ITC’s focus is on post-covid era

Chairman Sanjiv Puri said the company is preparing to meet greater demand for products such as packaged foods, and health and hygiene items even after the crisis is over

Suneera Tandon
Updated8 Sep 2020, 06:32 AM IST
ITC chairman Sanjiv Puri. mint
ITC chairman Sanjiv Puri. mint

ITC Ltd said it will expand the capacity of some of its existing facilities as demand for products such as packaged foods, and health and hygiene items surged amid the coronavirus crisis.

Chairman Sanjiv Puri said the company is also preparing to meet greater demand for such products even after the crisis is over.

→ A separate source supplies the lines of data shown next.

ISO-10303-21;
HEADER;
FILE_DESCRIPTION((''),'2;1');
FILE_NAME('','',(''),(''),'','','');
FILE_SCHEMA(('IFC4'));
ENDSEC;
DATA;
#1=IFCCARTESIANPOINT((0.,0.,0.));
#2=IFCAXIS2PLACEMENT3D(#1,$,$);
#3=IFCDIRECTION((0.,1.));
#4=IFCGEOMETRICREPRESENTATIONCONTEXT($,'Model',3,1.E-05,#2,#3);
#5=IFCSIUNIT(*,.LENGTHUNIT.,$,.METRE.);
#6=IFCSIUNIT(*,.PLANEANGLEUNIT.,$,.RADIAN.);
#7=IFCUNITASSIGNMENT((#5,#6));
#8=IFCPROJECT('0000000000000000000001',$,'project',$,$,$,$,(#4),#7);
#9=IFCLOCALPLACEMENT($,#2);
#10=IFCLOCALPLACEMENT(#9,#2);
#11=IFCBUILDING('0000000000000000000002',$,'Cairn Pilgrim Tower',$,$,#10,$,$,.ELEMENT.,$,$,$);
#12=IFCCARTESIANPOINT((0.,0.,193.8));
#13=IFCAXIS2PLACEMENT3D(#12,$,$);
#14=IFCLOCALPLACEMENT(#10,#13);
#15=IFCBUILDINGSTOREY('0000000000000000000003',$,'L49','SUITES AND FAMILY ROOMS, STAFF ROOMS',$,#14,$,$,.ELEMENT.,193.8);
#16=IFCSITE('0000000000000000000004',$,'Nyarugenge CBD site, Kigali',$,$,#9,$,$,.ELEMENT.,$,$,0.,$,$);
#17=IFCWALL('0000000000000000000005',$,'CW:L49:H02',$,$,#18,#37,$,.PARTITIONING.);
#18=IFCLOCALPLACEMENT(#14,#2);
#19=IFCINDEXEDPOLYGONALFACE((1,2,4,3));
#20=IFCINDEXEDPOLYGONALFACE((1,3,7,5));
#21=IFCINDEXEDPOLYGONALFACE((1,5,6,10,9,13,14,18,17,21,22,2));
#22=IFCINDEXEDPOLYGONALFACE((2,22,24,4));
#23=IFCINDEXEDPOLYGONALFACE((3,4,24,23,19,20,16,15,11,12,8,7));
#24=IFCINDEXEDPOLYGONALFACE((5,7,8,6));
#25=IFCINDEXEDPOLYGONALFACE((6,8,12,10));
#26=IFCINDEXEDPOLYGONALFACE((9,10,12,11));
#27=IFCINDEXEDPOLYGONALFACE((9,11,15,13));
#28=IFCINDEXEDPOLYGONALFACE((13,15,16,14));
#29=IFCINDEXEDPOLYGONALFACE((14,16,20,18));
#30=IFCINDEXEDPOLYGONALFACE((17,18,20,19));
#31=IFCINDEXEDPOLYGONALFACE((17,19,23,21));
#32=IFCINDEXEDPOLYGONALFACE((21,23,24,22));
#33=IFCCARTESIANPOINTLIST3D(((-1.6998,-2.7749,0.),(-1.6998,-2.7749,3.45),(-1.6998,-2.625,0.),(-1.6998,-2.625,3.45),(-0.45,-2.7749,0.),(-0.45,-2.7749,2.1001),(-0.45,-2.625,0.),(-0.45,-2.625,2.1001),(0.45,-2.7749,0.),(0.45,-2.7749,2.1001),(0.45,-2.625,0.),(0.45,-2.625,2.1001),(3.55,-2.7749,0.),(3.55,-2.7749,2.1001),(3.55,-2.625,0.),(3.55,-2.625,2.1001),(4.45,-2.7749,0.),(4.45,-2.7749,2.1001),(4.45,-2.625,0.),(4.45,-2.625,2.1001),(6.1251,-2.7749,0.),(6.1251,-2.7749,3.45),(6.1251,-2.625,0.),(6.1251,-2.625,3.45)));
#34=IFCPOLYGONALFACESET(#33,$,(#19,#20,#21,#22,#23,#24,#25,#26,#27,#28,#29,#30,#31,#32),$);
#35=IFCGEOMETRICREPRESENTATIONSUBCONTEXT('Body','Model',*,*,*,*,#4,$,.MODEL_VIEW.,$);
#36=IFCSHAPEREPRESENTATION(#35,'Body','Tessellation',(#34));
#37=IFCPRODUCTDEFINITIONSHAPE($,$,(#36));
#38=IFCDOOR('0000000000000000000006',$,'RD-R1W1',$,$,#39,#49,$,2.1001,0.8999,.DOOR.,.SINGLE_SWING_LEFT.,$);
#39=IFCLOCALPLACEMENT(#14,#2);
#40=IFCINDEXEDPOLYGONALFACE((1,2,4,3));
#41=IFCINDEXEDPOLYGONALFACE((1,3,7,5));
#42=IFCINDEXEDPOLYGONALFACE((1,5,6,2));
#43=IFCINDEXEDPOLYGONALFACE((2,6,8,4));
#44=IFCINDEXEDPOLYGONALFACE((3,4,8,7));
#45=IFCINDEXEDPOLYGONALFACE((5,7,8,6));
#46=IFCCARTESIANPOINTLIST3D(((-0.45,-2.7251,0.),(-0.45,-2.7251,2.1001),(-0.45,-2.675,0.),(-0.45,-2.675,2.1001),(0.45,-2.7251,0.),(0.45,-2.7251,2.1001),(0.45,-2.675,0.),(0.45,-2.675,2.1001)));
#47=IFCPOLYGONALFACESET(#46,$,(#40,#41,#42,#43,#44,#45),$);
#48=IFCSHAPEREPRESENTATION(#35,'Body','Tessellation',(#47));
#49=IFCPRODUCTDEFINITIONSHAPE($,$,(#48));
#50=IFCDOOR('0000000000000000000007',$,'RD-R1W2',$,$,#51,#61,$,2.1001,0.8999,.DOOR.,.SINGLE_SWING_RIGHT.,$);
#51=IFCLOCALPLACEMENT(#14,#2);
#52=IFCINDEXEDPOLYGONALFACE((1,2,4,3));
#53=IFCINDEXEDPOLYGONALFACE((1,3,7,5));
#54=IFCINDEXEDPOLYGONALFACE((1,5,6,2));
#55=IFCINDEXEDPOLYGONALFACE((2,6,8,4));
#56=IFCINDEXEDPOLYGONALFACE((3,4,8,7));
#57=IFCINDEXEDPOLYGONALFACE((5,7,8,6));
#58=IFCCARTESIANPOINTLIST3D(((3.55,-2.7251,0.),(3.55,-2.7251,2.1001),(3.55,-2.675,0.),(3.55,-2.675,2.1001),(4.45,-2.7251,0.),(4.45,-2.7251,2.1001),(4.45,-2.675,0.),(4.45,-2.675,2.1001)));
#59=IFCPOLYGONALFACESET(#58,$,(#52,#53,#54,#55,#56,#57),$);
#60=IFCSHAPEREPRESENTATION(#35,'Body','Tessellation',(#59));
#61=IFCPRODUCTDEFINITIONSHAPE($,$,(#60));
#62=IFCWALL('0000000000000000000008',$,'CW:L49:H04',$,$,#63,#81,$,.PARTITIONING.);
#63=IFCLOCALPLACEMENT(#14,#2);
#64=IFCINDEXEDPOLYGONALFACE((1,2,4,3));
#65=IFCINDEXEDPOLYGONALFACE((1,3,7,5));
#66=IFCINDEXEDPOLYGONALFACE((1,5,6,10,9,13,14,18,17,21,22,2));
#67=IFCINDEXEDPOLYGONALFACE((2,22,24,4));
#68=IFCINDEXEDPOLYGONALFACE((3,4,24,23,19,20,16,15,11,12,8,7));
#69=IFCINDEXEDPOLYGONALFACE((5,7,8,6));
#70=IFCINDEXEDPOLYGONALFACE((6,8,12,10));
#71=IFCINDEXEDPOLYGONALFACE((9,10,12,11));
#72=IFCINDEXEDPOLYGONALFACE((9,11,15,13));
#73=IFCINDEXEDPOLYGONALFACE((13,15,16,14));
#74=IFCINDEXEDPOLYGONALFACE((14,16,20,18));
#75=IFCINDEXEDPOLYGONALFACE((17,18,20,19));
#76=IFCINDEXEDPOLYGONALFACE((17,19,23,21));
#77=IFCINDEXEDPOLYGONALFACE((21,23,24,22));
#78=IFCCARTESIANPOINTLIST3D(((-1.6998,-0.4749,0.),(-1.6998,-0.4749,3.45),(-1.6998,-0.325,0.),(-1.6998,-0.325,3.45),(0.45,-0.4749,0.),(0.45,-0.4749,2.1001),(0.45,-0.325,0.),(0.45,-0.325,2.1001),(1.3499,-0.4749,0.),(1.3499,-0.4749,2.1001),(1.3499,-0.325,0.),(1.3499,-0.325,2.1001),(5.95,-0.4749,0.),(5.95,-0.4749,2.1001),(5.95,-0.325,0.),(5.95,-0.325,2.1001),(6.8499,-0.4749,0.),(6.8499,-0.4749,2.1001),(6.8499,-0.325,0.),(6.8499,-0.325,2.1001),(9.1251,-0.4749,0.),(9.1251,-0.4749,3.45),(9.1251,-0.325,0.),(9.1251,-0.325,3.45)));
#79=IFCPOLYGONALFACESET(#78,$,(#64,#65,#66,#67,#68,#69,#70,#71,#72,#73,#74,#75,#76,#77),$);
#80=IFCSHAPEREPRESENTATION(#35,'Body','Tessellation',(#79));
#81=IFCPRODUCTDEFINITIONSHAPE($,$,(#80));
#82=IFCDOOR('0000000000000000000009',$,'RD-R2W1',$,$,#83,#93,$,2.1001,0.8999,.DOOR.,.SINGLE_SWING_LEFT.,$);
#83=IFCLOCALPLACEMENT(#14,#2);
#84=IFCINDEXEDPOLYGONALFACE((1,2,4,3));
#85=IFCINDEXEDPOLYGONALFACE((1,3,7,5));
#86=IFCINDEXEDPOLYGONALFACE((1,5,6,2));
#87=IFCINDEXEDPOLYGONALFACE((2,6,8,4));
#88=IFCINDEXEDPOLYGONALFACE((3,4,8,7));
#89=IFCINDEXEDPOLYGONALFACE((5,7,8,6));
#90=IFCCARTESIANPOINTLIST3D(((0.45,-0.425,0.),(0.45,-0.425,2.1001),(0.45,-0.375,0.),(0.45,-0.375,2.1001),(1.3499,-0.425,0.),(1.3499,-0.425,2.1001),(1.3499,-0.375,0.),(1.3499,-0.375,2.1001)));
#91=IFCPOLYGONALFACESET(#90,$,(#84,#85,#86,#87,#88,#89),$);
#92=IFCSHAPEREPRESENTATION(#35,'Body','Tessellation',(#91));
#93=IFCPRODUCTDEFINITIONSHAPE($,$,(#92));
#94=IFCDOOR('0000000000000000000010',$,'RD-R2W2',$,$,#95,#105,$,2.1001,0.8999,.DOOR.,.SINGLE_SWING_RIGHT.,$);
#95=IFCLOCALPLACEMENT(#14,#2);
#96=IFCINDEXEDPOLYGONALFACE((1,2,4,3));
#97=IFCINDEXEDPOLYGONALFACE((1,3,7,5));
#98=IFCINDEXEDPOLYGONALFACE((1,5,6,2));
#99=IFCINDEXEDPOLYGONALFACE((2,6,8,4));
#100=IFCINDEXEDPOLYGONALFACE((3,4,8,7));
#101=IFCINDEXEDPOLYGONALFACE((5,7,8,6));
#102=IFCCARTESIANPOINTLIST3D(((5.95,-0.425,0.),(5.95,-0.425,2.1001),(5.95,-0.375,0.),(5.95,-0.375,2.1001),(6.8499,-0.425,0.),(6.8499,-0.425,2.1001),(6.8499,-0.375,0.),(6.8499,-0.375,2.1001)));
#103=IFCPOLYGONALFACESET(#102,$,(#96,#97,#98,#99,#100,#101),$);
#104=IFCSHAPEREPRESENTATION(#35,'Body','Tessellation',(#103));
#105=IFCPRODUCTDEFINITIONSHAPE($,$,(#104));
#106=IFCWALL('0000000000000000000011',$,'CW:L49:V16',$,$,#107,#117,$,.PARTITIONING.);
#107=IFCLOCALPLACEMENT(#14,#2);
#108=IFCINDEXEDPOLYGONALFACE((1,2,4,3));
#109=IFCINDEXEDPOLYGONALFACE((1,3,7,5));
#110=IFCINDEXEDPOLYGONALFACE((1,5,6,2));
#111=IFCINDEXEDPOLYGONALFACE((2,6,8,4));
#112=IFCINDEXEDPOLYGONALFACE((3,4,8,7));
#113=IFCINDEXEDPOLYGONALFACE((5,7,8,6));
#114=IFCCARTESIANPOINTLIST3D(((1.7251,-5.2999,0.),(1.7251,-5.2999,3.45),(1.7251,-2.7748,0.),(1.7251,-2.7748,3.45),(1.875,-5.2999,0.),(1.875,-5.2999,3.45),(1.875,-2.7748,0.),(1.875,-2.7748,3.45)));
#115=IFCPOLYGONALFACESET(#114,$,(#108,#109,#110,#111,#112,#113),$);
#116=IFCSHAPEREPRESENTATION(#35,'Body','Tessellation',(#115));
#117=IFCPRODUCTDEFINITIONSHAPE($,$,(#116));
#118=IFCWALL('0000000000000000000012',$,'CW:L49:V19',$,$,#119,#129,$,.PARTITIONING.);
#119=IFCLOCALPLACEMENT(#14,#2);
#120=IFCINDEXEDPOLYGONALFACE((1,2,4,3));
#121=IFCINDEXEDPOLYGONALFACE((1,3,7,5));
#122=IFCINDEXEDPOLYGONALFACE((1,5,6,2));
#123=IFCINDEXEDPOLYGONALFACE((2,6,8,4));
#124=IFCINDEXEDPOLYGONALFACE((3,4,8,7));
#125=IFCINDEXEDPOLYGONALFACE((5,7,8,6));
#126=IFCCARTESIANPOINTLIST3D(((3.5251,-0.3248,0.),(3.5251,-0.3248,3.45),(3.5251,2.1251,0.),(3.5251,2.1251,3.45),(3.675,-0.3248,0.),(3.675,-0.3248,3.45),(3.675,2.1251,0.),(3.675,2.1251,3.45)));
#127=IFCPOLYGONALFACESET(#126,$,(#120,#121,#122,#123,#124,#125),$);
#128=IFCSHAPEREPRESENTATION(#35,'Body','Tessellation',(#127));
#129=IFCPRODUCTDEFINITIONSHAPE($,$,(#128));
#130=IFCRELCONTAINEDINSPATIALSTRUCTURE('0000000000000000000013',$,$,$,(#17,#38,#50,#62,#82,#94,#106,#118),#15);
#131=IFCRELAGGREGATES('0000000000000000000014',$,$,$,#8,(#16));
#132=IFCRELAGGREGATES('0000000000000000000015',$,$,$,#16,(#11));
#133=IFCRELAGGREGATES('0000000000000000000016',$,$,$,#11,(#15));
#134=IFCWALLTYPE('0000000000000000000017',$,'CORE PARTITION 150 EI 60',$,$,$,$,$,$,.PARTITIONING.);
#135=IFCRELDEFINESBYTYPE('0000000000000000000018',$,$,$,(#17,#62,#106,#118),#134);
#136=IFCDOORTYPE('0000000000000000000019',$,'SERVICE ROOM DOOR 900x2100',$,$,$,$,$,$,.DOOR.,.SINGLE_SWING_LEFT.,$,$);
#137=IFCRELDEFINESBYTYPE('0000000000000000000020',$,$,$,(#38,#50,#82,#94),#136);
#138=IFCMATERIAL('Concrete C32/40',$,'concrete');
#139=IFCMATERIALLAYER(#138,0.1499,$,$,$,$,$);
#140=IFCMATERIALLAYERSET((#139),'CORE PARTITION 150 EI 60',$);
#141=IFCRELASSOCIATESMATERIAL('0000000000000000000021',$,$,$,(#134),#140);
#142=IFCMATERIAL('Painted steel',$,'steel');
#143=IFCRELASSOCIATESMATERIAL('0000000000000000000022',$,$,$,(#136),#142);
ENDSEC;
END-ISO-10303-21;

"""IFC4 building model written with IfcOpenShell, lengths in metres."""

from ifc_helpers import new_model, si_unit, direction, frame, frame_2d, origin, place, context, subcontext, project, spatial, rectangle, extrude, material, layer, layer_set, type_object, element, fill, save


model = new_model("IFC4")

# Units and contexts
model_context = context("Model", 3, precision=1e-05, world=origin(), true_north=direction((0.0, 1.0)))
body_context = subcontext(model_context, "Body", "Model", "MODEL_VIEW")
ifc_project = project(units=[si_unit("LENGTHUNIT", "METRE"), si_unit("PLANEANGLEUNIT", "RADIAN")], contexts=[model_context])

# Site, building, storey
site_placement = place(None, origin())
site = spatial("IfcSite", under=ifc_project, at=site_placement, Name="Nyarugenge CBD site, Kigali", CompositionType="ELEMENT", RefElevation=0.0)
building_placement = place(site_placement, origin())
building = spatial("IfcBuilding", under=site, at=building_placement, Name="Cairn Pilgrim Tower", CompositionType="ELEMENT")
storey_placement = place(building_placement, frame((0.0, 0.0, 193.8)))
storey = spatial("IfcBuildingStorey", under=building, at=storey_placement, Name="L49", Description="SUITES AND FAMILY ROOMS, STAFF ROOMS", CompositionType="ELEMENT", Elevation=193.8)

# Shared definitions
ifc_material_1 = material(Name="Concrete C32/40", Category="concrete")

# Walls, openings, doors
ifc_material_2 = material(Name="Painted steel", Category="steel")
ifc_layer_1 = layer(ifc_material_1, 0.1499)
ifc_layer_set_1 = layer_set([ifc_layer_1], Name="CORE PARTITION 150 EI 60")
wall_type_1 = type_object("IfcWallType", Name="CORE PARTITION 150 EI 60", PredefinedType="PARTITIONING", material=ifc_layer_set_1)
wall_1_placement = place(storey_placement, frame((-1.7, -2.7, 0.0), z_axis=(0.0, 0.0, 1.0), x_axis=(1.0, 0.0, 0.0)))
wall_1 = element("IfcWall", 1, at=wall_1_placement, inside=storey, type_object=wall_type_1, Name="CW:L49:H02", PredefinedType="PARTITIONING", context=body_context, shape_type="SweptSolid", body=[
    extrude(rectangle(XDim=7.825, YDim=0.1499, at=frame_2d((3.9126, 0.0))), origin(), (0.0, 0.0, 1.0), 3.45),
])
opening_1_placement = place(wall_1_placement, frame((1.25, 0.0, 0.0)))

The pandemic has boosted demand for packaged foods, including snacks, ready-to-cook items, and frozen foods, as people are stuck at home.

ITC has nine integrated consumer goods manufacturing and logistics (ICML) facilities that cater to the manufacturing and storage of its packaged consumer goods.

“The infrastructure is there; we need to add machines and lines over a period of time to scale up capacity with incremental investment,” Puri said in a virtual media conference.

“Because of the surge in demand for packaged foods, I believe this trend of the packaged foods settling at a higher level even post-pandemic will stay, and therefore we are also making certain investments which we are adding to our existing facilities; there are also certain ICMLs that are under final stages of completion. So, capacity gearing up is happening. It will cater to the elevated level of demand that we will witness post the pandemic,” he added.

Puri said ITC is closely monitoring demand trends. For instance, it has swiftly ramped up supplies of sanitizers by repurposing a perfume factory during the lockdown.

“The expansion of our capacity that has happened is way beyond the buffer capacities. Our hand wash (production) is five-six (times) of what we were producing. The capacity expansion has happened in-house, by commissioning some additional facilities, by repurposing facilities and it has also happened along with some of our partners,” he said.

ITC owns popular brands such as Aashirvaad flour, Yippee! Noodles, Bingo Chips, Savlon soaps, Engage deodorants, and Sunfeast cookies.

“The surge we are seeing may not sustain to this degree because as things normalize, people will also have exposure to buy alternatives, but certainly, it will give some impetus to the penetration of packaged food,” he said.

He said covid has also led consumers to use more health and hygiene products. While demand will gradually taper off from the current levels, it will still be higher than the pre-pandemic level.

“When the pandemic ebbs—certain categories will settle at an elevated level i.e. elevated from a-pre pandemic level, but they may not have a surge that was experienced during the pandemic—health and hygiene is one such category. Clearly, the awareness has gone up—of simple things like hand washing and cleanliness will definitely go up,” he said.

While demand for non-essential items such as deodorants and personal care products has fallen, signs of recovery are visible as the restrictions under the nationwide lockdown have been gradually lifted, Puri said.

In fact, this is also likely to help the sale of packaged gifting items this festive season—especially juices, biscuits, chocolates, that ITC sells, given consumer preference for packaged and hygienic foods.

ITC also took steps to scale down its lifestyle retailing division Wills Lifestyle last year.

Puri indicated that the company has found little synergy in the retailing business.

“The business had not scaled up in line with expectation. So, we have restructured it. Unless we get a specific business idea on how we can win in this segment, we are not going to kind of expand or grow it,” he said.